The Project
Fietsstraat Amsterdam is a project at the intersection of ethnography and art, focusing on a particular bike street in Amsterdam. The intention is not to dramatize or explain, but to create an immersive encounter with the rhythms of urban life as they unfold, to show how infrastructures orient movement while also becoming sites of contested rights and priorities.
The film asks what happens when we apply anthropological attention to urban space without the pressure to conclude or categorize. Instead of presenting cycling simply as a solution, we see it as an ongoing practice—one that requires constant negotiation and that reflects the politics of urban development and demographic change.

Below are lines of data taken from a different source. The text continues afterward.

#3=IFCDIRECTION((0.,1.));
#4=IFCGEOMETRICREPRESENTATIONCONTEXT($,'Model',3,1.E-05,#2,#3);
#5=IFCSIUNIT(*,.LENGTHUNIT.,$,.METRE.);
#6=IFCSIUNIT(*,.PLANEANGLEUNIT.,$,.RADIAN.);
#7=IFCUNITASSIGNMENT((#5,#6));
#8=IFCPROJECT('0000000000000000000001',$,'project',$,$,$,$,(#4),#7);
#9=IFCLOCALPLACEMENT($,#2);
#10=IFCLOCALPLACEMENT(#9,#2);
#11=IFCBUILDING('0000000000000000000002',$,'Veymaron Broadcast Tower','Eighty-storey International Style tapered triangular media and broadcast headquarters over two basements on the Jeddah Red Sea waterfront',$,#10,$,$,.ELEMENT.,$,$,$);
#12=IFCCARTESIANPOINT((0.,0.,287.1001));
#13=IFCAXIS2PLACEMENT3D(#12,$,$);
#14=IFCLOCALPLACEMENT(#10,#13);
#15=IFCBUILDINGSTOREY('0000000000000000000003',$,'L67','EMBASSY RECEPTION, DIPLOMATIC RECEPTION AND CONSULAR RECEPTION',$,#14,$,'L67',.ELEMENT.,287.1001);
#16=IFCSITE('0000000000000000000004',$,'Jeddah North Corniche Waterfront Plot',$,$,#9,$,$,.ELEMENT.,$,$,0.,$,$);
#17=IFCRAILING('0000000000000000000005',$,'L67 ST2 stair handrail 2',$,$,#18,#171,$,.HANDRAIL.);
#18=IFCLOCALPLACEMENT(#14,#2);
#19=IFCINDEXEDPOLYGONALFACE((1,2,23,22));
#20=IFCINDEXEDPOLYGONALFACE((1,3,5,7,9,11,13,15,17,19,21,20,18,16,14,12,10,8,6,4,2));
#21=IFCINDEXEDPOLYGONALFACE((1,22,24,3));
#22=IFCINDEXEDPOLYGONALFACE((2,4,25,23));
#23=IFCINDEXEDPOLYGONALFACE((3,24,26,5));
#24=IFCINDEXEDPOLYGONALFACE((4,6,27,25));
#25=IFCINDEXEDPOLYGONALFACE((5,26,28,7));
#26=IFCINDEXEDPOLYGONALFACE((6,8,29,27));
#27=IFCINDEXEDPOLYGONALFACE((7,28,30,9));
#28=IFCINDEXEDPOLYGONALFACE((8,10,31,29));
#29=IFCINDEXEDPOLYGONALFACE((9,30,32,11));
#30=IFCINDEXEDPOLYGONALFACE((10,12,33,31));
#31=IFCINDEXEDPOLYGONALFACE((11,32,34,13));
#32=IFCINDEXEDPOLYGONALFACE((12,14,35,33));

Fietsstraat Amsterdam is also an experiment in understanding urban life through the simple act of watching carefully, without interruption. This is what anthropologist Tim Ingold calls "wayfaring," a form of knowing developed through sustained attention rather than detached analysis. With the stationary camera providing a path of attention, the film invites viewers to join in the act of noticing, dwelling, and determining the meaning of what we see. I used to sit in the median here for hours, watching such scenes pass by, and I find it relaxing, meditative, and, with all the different bikes and bikers, compelling to view.

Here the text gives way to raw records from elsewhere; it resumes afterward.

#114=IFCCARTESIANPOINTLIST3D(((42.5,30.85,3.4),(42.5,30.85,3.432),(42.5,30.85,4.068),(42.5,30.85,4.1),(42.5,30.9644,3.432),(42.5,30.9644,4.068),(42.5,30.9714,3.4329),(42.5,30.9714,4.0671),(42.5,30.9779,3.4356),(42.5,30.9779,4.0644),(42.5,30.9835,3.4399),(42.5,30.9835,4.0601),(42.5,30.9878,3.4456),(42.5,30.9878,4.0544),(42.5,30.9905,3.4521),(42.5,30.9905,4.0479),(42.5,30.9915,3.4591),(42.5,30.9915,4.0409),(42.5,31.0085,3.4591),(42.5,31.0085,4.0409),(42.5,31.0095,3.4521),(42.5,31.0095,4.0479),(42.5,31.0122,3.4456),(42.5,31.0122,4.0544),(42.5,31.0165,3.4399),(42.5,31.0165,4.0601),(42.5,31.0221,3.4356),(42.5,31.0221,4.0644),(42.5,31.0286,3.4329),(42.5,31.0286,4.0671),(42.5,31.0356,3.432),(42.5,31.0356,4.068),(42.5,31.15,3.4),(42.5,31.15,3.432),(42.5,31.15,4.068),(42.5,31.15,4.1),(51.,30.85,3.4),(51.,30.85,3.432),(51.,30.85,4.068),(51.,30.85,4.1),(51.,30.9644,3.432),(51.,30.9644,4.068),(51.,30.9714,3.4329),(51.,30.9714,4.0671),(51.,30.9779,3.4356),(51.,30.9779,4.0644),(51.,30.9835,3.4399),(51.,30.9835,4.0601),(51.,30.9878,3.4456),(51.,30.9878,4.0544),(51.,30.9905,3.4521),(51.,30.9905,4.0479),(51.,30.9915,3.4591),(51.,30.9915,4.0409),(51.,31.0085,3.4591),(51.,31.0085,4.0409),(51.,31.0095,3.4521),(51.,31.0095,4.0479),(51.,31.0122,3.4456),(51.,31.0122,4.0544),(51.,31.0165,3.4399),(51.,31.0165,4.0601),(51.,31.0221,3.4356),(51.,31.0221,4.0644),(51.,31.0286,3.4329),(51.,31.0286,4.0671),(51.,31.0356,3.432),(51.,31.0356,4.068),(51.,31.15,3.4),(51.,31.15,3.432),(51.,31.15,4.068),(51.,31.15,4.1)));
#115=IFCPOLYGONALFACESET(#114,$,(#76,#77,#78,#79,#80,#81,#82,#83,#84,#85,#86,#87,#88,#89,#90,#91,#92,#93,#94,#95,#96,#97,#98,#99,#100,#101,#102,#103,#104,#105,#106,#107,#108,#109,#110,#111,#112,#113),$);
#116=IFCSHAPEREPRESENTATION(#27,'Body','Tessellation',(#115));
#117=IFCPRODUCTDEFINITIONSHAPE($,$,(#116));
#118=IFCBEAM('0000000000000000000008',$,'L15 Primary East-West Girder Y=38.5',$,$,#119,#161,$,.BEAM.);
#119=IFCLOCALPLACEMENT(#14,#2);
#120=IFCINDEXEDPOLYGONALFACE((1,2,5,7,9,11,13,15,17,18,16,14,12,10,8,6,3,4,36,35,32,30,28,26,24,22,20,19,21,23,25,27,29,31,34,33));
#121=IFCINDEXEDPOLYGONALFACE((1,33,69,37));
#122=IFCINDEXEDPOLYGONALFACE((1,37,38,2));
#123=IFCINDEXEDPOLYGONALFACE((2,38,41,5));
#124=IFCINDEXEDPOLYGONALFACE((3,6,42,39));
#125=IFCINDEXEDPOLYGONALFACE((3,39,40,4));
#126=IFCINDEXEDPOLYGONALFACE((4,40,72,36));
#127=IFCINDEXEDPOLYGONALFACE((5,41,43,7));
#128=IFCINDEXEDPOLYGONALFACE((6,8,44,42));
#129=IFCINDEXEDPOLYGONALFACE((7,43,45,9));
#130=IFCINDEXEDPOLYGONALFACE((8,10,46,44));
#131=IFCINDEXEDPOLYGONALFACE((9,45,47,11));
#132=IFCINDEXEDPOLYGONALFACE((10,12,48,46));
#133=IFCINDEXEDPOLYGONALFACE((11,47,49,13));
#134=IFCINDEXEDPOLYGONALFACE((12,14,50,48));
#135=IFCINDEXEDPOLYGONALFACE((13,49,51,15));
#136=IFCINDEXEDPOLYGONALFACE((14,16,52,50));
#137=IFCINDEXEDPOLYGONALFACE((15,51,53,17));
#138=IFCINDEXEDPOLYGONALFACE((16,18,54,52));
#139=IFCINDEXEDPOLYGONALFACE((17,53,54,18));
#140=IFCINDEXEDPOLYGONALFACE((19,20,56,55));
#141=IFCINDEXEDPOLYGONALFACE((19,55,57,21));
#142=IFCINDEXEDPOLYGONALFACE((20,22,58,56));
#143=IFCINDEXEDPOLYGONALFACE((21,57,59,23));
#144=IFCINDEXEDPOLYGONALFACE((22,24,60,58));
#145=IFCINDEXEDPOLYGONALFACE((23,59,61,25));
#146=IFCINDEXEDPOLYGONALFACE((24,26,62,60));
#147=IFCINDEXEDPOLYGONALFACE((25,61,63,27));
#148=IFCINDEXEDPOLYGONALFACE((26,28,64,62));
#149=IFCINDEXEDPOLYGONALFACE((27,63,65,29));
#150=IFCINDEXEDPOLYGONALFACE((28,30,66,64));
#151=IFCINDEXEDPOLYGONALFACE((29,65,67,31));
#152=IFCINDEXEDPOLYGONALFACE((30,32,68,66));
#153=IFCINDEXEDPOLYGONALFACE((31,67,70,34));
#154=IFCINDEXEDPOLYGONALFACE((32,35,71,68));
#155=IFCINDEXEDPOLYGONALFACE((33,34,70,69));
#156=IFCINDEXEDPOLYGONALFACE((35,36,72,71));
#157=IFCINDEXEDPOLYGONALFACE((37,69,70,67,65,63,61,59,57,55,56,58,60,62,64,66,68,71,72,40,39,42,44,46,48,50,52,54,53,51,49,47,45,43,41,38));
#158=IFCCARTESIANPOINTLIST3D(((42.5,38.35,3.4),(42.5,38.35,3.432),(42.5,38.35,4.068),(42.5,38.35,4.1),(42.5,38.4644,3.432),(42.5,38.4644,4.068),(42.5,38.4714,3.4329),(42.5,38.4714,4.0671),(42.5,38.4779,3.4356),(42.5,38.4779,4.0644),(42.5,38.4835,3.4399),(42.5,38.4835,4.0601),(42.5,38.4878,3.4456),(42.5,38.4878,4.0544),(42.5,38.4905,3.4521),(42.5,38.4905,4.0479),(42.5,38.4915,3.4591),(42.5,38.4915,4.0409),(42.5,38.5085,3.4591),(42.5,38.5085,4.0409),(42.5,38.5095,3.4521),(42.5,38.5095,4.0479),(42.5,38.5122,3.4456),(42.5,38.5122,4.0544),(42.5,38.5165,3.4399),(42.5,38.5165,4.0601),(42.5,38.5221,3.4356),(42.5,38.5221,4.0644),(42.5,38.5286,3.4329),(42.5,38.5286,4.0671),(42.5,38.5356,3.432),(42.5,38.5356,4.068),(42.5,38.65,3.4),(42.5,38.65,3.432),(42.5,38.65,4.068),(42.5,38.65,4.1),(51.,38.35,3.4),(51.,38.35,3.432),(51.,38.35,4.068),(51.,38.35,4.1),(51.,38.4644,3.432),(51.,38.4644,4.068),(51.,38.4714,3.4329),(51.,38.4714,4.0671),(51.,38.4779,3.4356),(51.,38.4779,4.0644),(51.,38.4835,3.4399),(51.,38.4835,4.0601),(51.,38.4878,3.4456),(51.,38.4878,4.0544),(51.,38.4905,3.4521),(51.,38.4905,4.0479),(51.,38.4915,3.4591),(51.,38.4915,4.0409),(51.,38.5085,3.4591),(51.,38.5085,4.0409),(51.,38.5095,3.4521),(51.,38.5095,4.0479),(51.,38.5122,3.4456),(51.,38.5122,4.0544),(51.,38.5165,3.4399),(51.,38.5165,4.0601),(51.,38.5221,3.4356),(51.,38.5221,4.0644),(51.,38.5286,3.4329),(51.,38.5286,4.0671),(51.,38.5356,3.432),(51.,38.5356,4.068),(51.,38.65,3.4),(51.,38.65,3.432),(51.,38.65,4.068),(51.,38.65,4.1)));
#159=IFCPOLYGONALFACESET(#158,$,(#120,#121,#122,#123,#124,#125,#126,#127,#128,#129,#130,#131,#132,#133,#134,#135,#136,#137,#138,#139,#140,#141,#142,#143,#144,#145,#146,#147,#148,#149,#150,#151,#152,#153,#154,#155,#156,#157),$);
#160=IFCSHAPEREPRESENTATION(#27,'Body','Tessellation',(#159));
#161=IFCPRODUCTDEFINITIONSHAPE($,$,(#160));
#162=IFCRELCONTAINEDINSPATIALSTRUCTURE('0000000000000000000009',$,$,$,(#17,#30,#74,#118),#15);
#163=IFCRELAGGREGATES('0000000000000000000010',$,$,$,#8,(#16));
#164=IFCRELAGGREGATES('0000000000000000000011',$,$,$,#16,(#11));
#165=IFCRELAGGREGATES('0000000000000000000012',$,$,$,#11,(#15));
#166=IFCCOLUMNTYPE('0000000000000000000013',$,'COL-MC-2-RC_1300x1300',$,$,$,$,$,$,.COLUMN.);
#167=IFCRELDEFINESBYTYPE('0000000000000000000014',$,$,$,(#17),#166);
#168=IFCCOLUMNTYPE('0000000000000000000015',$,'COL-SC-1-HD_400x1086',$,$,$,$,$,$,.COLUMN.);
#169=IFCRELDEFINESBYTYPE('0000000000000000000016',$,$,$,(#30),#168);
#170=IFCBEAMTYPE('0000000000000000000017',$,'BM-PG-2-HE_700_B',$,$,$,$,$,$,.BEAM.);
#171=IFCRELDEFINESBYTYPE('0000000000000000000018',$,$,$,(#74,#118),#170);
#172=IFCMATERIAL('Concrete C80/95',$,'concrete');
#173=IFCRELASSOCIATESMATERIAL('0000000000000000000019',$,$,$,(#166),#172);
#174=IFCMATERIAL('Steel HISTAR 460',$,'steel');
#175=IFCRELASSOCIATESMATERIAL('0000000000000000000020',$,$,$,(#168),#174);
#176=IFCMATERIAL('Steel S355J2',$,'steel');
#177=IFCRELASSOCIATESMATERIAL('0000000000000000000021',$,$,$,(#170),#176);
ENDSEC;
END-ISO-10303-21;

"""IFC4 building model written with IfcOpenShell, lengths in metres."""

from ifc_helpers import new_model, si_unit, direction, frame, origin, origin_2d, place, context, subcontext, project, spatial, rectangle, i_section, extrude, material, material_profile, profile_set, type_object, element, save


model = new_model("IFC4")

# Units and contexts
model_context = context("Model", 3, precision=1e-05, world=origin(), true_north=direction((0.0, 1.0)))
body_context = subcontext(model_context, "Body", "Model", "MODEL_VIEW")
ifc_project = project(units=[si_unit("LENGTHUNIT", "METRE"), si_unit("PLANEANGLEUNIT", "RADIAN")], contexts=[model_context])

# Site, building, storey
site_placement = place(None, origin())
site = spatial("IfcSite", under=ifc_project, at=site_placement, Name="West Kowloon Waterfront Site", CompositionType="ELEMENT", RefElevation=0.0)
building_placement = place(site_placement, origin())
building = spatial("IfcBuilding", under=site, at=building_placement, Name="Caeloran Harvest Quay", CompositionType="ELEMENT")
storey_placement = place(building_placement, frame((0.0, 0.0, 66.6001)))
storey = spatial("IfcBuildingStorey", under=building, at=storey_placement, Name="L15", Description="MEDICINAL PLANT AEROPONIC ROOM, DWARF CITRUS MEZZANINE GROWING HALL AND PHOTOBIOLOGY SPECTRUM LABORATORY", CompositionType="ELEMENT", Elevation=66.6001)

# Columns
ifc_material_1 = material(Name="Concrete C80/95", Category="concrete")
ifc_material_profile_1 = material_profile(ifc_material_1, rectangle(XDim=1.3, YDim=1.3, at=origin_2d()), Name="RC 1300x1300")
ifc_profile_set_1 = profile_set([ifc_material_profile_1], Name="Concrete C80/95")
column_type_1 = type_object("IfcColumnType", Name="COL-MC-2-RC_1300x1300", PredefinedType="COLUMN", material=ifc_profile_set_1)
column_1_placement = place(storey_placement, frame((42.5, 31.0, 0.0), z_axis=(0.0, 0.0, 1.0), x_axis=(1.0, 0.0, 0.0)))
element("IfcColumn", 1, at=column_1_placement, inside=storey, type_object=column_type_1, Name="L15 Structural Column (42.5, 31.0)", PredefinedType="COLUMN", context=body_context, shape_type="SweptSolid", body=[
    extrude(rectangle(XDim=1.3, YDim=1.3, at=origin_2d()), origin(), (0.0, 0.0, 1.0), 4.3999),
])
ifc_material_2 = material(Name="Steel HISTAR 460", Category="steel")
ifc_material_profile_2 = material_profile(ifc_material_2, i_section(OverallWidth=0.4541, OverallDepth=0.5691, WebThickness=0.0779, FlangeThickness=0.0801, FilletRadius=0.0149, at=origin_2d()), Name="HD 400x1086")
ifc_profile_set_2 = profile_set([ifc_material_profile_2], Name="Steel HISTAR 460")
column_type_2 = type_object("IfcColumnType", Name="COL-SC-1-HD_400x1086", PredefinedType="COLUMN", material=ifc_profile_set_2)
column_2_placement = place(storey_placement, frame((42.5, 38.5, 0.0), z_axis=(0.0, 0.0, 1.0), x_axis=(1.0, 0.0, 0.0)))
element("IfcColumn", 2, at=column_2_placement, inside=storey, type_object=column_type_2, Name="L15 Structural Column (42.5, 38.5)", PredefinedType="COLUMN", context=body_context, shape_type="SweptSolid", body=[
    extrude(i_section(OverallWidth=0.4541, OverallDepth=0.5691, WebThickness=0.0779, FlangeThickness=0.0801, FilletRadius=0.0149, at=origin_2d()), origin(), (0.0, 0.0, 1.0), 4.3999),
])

The camera runs without commentary so that the viewer encounters the scene much as I did. For some, it may serve as a sort of background ambience — the whoosh of bike wheels, the click of footsteps, the murmuring of voices forming an urban soundscape. For others, it provides a window into what street-level cycling looks like in practice: the flow of commuters, families, and visitors; the interactions with traffic and space; the daily rhythms of city life. Still others may read it critically, reflecting on mobility, sustainability, and the politics of urban design.
Fietsstraat Amsterdam’s length is crucial to the project. The almost 7 hour duration resists simple explanatory closure, as patterns surface slowly: commuters rushing to work in the morning in varied styles of clothing and bikes, teenagers gathering in the median after school, delivery trucks creating momentary blockages that ripple through the flow of bicycles. There are also conflicts and negotiations. In theory, bikers have preference, and cars should act like guests, but we see tensions periodically erupt. These are not staged spectacles but the micro-politics of a contested shared space.
The result presents the viewer with an unmediated ethnographic encounter: observing everyday life, noticing the small negotiations that animate the city, and situating those observations within broader cultural and political contexts. In doing so, it proposes that anthropology can be both a way of documenting the world while also opening it to new ways of seeing.